Mobile robots are comprehensive systems integrating environmental perception, dynamic decision-making, behavior control, and execution. Motion control is a crucial research area in mobile robotics and forms the foundation for trajectory control, localization, and navigation. Traditional motion control often employs PID control algorithms, characterized by simplicity, robustness, and high reliability. However, it requires a precise mathematical model to achieve good control results for linear systems, and its performance on nonlinear systems is less than ideal. Fuzzy control, on the other hand, does not require a precise mathematical model of the controlled object, thus offering flexibility and adaptability. However, any pure fuzzy controller is essentially a nonlinear PD control, lacking integral action, making it difficult to eliminate steady-state errors in fuzzy control systems. To address this problem, and considering the actual operating conditions of the motion control system, a fuzzy PID control method is designed to achieve large-range error adjustment of the wheel speed of a fast-moving robot. Fuzzy control and PID control are combined to form a parametric fuzzy self-tuning PID algorithm for servo motor control. This allows the controller to possess both the flexibility and adaptability of fuzzy control and the high precision of PID control. This enables the motion control system to meet design requirements such as high real-time performance, robustness, and stability. Furthermore, by expanding the fuzzy control rule base, other functions can be easily added to the motion control system.

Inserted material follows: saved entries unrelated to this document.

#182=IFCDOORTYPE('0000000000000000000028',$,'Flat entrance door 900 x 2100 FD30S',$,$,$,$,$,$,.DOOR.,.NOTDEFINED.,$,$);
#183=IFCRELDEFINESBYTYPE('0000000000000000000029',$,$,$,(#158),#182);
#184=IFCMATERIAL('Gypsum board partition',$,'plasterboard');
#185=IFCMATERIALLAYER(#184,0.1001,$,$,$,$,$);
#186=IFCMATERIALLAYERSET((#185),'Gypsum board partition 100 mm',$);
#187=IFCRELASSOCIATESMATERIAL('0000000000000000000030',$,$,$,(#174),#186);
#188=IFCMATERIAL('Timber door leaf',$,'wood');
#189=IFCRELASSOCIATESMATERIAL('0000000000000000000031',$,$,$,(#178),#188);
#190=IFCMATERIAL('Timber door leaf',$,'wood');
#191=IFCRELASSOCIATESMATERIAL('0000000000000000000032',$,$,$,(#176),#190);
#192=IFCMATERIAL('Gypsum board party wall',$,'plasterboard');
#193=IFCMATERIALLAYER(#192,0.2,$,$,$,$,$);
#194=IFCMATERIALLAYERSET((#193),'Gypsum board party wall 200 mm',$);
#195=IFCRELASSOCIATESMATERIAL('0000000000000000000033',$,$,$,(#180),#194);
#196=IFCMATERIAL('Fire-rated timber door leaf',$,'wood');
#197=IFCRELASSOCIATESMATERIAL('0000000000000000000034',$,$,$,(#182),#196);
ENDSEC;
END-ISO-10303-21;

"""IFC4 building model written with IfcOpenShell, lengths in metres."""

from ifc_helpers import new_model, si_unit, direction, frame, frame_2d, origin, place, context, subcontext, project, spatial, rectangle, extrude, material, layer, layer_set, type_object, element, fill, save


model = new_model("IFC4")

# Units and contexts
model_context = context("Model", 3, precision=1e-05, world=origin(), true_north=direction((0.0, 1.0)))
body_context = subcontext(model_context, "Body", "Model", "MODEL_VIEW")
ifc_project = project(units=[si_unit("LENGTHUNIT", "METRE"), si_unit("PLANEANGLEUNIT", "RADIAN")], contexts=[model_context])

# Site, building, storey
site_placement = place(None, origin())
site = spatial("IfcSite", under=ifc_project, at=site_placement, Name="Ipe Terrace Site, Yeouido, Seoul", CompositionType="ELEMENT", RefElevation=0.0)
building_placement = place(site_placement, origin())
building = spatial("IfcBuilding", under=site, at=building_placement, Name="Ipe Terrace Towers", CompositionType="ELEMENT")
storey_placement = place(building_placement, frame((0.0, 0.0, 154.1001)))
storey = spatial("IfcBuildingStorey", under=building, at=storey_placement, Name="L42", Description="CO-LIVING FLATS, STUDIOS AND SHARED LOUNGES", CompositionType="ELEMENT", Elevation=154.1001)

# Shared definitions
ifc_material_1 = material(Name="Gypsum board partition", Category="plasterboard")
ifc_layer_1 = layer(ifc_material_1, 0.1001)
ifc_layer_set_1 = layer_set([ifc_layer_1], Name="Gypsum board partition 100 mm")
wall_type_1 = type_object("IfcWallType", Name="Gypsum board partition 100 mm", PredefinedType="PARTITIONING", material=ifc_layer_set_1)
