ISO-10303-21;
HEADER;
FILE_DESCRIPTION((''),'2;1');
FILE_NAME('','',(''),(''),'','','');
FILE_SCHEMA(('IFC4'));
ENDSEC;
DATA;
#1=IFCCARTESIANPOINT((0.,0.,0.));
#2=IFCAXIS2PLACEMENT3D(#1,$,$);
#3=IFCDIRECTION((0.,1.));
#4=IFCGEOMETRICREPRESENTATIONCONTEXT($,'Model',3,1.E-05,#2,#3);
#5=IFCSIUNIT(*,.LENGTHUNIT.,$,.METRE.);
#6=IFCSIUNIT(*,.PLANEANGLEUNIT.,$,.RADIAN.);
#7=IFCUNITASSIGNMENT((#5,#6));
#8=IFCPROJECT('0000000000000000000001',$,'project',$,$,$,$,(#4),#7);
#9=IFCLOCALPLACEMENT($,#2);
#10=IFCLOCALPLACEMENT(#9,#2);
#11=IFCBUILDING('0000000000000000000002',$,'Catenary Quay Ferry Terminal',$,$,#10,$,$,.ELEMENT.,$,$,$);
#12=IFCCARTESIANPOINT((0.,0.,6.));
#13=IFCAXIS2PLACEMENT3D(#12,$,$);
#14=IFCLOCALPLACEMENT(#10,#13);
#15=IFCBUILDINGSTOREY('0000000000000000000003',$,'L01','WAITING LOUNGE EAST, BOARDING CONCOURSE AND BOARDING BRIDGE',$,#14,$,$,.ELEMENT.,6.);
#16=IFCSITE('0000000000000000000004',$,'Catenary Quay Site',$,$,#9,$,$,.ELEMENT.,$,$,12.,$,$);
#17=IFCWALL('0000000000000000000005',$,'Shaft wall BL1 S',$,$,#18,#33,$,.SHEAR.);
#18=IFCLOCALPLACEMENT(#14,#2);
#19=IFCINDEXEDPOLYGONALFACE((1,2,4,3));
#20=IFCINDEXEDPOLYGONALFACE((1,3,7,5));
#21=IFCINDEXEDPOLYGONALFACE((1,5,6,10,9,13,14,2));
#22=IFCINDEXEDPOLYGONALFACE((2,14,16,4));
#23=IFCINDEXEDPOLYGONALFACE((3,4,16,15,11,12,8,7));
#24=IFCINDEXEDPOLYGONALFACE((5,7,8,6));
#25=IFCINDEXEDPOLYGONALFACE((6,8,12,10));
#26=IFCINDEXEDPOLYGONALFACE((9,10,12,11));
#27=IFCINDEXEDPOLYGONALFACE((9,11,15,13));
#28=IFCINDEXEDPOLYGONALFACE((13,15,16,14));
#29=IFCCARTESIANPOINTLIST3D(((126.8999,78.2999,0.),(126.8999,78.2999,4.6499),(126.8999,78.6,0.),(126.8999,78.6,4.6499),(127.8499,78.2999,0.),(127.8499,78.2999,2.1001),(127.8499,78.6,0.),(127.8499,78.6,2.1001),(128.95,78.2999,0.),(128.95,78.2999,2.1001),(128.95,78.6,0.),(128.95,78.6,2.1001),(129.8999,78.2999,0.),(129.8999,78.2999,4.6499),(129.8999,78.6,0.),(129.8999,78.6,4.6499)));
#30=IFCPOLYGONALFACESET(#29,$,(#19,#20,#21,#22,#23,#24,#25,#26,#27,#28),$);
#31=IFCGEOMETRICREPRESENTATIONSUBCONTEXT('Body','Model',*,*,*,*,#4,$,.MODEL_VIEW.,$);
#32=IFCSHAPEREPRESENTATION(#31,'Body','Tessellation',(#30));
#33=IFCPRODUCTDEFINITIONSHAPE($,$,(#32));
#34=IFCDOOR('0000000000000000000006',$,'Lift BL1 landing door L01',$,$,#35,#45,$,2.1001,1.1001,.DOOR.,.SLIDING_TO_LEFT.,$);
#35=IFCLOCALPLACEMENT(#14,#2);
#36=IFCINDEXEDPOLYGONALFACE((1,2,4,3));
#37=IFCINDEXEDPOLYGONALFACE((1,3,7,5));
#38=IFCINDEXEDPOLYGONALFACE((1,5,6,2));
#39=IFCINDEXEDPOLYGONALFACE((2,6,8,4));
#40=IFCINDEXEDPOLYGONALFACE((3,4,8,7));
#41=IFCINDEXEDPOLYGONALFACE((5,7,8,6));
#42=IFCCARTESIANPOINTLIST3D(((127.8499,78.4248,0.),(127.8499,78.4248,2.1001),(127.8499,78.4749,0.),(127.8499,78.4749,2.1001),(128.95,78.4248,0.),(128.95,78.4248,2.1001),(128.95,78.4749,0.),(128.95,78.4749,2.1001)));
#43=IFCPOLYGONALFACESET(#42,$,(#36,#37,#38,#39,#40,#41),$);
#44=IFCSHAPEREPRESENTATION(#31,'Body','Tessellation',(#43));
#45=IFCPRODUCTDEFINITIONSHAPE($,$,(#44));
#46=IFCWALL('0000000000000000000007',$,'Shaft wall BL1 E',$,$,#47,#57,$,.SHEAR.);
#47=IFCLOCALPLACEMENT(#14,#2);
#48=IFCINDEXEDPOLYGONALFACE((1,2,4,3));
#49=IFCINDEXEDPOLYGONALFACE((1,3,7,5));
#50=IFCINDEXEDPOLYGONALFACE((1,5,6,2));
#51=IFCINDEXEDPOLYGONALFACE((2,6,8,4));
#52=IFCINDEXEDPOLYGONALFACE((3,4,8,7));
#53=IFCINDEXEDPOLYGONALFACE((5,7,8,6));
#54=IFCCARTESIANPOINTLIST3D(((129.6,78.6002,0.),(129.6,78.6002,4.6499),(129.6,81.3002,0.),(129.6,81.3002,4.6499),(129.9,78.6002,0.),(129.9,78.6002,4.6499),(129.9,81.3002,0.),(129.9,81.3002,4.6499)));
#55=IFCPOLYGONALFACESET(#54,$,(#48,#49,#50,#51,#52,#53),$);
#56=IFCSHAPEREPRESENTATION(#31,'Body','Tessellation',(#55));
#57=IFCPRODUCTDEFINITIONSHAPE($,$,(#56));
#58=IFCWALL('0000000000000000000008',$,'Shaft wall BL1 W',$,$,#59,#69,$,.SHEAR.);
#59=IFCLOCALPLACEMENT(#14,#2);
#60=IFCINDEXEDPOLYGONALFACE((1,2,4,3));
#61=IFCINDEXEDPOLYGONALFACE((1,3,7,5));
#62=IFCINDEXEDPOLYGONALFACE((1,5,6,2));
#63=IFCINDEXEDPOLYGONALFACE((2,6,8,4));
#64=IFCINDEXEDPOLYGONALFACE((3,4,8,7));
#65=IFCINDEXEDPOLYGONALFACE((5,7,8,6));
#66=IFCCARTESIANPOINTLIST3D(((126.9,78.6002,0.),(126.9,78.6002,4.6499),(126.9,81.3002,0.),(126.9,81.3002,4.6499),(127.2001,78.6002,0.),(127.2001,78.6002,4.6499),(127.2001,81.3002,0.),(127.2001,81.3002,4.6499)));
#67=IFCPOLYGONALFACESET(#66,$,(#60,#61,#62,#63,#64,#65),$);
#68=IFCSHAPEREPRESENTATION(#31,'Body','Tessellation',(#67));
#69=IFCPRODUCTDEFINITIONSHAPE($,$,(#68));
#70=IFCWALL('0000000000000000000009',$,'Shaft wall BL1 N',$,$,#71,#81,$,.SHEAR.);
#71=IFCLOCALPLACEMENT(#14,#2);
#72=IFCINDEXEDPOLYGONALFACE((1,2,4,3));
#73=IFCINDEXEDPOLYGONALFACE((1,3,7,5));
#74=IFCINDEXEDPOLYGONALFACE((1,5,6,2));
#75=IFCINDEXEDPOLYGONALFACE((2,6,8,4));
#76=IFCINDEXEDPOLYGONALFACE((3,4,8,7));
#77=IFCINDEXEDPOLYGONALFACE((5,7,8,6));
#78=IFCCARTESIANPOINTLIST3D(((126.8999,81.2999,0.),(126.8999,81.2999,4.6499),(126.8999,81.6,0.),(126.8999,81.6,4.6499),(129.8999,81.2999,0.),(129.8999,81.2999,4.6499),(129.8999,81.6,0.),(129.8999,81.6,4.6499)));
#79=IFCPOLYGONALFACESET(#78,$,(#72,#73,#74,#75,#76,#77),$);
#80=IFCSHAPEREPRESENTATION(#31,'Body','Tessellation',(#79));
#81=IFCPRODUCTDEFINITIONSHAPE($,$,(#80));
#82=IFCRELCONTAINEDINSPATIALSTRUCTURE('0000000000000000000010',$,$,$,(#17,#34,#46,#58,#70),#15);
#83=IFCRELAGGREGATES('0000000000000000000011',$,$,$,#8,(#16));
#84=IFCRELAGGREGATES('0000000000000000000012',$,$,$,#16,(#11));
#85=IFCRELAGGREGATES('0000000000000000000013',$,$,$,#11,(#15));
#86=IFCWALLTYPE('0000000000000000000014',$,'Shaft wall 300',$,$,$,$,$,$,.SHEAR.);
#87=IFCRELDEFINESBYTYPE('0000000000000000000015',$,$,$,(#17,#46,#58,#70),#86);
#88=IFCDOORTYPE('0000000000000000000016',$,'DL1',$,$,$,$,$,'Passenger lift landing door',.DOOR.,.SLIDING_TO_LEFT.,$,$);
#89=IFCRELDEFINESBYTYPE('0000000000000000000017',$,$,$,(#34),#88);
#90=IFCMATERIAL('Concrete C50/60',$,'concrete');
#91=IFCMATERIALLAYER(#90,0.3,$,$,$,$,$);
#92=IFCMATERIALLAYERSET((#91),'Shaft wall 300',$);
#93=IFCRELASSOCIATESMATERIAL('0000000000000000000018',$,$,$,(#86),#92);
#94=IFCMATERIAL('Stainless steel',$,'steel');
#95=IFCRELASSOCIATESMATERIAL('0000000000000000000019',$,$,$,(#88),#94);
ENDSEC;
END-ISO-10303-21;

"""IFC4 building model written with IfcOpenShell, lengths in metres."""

from ifc_helpers import new_model, si_unit, direction, frame, frame_2d, origin, place, context, subcontext, project, spatial, rectangle, extrude, material, layer, layer_set, type_object, element, fill, save


model = new_model("IFC4")

# Units and contexts
model_context = context("Model", 3, precision=1e-05, world=origin(), true_north=direction((0.0, 1.0)))
body_context = subcontext(model_context, "Body", "Model", "MODEL_VIEW")
ifc_project = project(units=[si_unit("LENGTHUNIT", "METRE"), si_unit("PLANEANGLEUNIT", "RADIAN")], contexts=[model_context])

# Site, building, storey
site_placement = place(None, origin())
site = spatial("IfcSite", under=ifc_project, at=site_placement, Name="Catenary Quay Site", CompositionType="ELEMENT", RefElevation=12.0)
building_placement = place(site_placement, origin())
building = spatial("IfcBuilding", under=site, at=building_placement, Name="Catenary Quay Ferry Terminal", CompositionType="ELEMENT")
storey_placement = place(building_placement, frame((0.0, 0.0, 6.0)))
storey = spatial("IfcBuildingStorey", under=building, at=storey_placement, Name="L01", Description="WAITING LOUNGE EAST, BOARDING CONCOURSE AND BOARDING BRIDGE", CompositionType="ELEMENT", Elevation=6.0)

# Wall, opening, door
ifc_material_1 = material(Name="Concrete C50/60", Category="concrete")
ifc_layer_1 = layer(ifc_material_1, 0.3)
ifc_layer_set_1 = layer_set([ifc_layer_1], Name="Shaft wall 300")
wall_type_1 = type_object("IfcWallType", Name="Shaft wall 300", PredefinedType="SHEAR", material=ifc_layer_set_1)
wall_1_placement = place(storey_placement, frame((126.8999, 78.45, 0.0), z_axis=(0.0, 0.0, 1.0), x_axis=(1.0, 0.0, 0.0)))
wall_1 = element("IfcWall", 1, at=wall_1_placement, inside=storey, type_object=wall_type_1, Name="Shaft wall BL1 S", PredefinedType="SHEAR", context=body_context, shape_type="SweptSolid", body=[
    extrude(rectangle(XDim=3.0, YDim=0.3, at=frame_2d((1.5, 0.0))), origin(), (0.0, 0.0, 1.0), 4.6499),
])
opening_placement = place(wall_1_placement, frame((0.95, 0.0, 0.0)))
opening = element("IfcOpeningElement", 2, at=opening_placement, cuts=wall_1, PredefinedType="OPENING", context=body_context, shape_type="SweptSolid", body=[
    extrude(rectangle(XDim=1.1001, YDim=2.1001, at=frame_2d((0.55, 1.05))), frame((0.0, 0.1599, 0.0), z_axis=(0.0, -1.0, 0.0), x_axis=(1.0, 0.0, 0.0)), (0.0, 0.0, 1.0), 0.3201),
])
ifc_material_2 = material(Name="Stainless steel", Category="steel")
door_type = type_object("IfcDoorType", Name="DL1", ElementType="Passenger lift landing door", OperationType="SLIDING_TO_LEFT", PredefinedType="DOOR", material=ifc_material_2)
door_placement = place(opening_placement, origin())
door = element("IfcDoor", 3, at=door_placement, inside=storey, type_object=door_type, Name="Lift BL1 landing door L01", OperationType="SLIDING_TO_LEFT", OverallHeight=2.1001, OverallWidth=1.1001, PredefinedType="DOOR", context=body_context, shape_type="SweptSolid", body=[
    extrude(rectangle(XDim=1.1001, YDim=2.1001, at=frame_2d((0.55, 1.05))), frame((0.0, 0.0249, 0.0), z_axis=(0.0, -1.0, 0.0), x_axis=(1.0, 0.0, 0.0)), (0.0, 0.0, 1.0), 0.05),
])
fill(opening, door)

# Walls
for number, where, z_axis, x_axis, name in (
    (4, (129.75, 78.6001, 0.0), (0.0, 0.0, 1.0), (0.0, 1.0, 0.0), "Shaft wall BL1 E"),
    (5, (127.05, 78.6001, 0.0), (0.0, 0.0, 1.0), (0.0, 1.0, 0.0), "Shaft wall BL1 W"),
):
    element("IfcWall", number, at=place(storey_placement, frame(where, z_axis=z_axis, x_axis=x_axis)), inside=storey, type_object=wall_type_1, Name=name, PredefinedType="SHEAR", context=body_context, shape_type="SweptSolid", body=[
        extrude(rectangle(XDim=2.7, YDim=0.3, at=frame_2d((1.3501, 0.0))), origin(), (0.0, 0.0, 1.0), 4.6499),
    ])
wall_2_placement = place(storey_placement, frame((126.8999, 81.45, 0.0), z_axis=(0.0, 0.0, 1.0), x_axis=(1.0, 0.0, 0.0)))
element("IfcWall", 6, at=wall_2_placement, inside=storey, type_object=wall_type_1, Name="Shaft wall BL1 N", PredefinedType="SHEAR", context=body_context, shape_type="SweptSolid", body=[
    extrude(rectangle(XDim=3.0, YDim=0.3, at=frame_2d((1.5, 0.0))), origin(), (0.0, 0.0, 1.0), 4.6499),
])

save(model, "model.ifc")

1. Kinematic Analysis of an All-Way Mobile Robot
This research focuses on a fully autonomous mobile robot platform. The robot employs a four-wheel omnidirectional motion system. This omnidirectional capability allows the robot to move linearly in any direction without requiring rotational movement. Furthermore, this wheel system can simultaneously perform linear motion and rotation, achieving any desired posture angle in the final state. The application of this omnidirectional wheel system will endow the soccer robot with advantages such as rapid and flexible movement, stable ball control, strong offensive capabilities, and ease of control, making it more competitive on the field.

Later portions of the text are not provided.